Acute kidney injury, acute lung injury and septic shock: how does mortality compare?

作者信息

Vincent Jean-Louis

机构信息

Department of Intensive Care, Erasme Hospital, Université libre de Bruxelles, Bruxelles, Belgium.

出版信息

Contrib Nephrol. 2011;174:71-77. doi: 10.1159/000329238. Epub 2011 Sep 9.

Abstract

Acute kidney injury (AKI), acute lung injury (ALI) and sepsis are all commonly encountered in critically ill patients. Although considered as separate conditions, largely for therapeutic purposes, a common inflammatory response is often implicated in their pathophysiologies and they are frequently present simultaneously.
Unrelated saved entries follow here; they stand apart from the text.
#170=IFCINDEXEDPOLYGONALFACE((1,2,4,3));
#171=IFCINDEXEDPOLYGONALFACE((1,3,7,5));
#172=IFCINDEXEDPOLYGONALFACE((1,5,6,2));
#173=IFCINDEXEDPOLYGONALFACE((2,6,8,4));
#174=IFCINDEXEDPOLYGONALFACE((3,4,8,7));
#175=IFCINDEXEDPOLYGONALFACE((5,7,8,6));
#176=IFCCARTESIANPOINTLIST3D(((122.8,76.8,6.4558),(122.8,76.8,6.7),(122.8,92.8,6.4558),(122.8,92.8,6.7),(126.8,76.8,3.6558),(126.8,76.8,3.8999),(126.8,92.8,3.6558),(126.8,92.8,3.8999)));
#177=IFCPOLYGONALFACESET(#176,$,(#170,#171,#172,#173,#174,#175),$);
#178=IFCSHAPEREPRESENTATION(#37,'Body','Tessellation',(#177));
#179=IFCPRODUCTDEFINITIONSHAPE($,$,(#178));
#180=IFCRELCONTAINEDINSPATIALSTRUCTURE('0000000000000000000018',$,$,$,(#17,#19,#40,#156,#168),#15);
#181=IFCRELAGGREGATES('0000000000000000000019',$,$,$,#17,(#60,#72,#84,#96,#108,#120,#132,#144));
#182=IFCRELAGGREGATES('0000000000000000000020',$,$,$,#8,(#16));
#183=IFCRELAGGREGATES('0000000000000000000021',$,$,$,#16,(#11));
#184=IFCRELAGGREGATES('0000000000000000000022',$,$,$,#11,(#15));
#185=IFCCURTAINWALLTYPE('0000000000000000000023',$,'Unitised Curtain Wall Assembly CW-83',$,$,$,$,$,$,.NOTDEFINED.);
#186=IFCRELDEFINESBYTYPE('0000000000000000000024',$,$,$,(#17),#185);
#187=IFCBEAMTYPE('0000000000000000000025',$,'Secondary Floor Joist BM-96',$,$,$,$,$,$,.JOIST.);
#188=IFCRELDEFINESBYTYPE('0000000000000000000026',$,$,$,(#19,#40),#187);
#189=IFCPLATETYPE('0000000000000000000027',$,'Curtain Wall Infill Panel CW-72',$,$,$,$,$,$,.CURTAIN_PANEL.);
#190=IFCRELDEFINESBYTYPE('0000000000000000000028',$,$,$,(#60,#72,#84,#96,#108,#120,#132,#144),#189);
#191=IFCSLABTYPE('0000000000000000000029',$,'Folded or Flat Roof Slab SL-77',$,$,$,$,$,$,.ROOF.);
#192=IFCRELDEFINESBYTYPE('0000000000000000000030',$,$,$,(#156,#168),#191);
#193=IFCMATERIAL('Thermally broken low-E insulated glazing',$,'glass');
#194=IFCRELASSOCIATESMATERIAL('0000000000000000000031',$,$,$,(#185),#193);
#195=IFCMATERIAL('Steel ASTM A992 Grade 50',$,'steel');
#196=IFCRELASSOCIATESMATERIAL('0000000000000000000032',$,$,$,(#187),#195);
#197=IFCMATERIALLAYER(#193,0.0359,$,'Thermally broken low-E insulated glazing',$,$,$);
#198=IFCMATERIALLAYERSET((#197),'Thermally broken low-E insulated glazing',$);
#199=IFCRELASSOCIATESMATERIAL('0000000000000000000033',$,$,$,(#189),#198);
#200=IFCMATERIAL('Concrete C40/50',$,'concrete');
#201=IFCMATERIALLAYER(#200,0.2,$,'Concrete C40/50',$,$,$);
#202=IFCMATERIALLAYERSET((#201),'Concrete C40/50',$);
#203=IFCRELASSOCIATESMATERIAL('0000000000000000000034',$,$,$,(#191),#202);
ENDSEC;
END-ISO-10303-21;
Mortality rates in critically ill patients suffering from renal failure, respiratory failure or severe sepsis are quite similar at about 40%, and all increase substantially when these conditions coexist. Most intensive care unit patients will die from multiple rather than individual organ failure, and further research is needed to evaluate the patterns of organ failure in surviving and nonsurviving critically ill patients, as well as the importance and mechanisms of organ-organ crosstalk in such patients.

摘要

急性肾损伤(AKI)、急性肺损伤(ALI)和脓毒症在重症患者中都很常见。尽管在很大程度上出于治疗目的将它们视为独立的病症,但它们的病理生理学中常常涉及共同的炎症反应,并且它们经常同时出现。患有肾衰竭、呼吸衰竭或严重脓毒症的重症患者的死亡率相当相似,约为40%,当这些病症共存时,死亡率会大幅上升。大多数重症监护病房的患者将死于多器官功能衰竭而非单个器官功能衰竭,因此需要进一步研究以评估存活和未存活的重症患者的器官功能衰竭模式,以及此类患者中器官间相互作用的重要性和机制。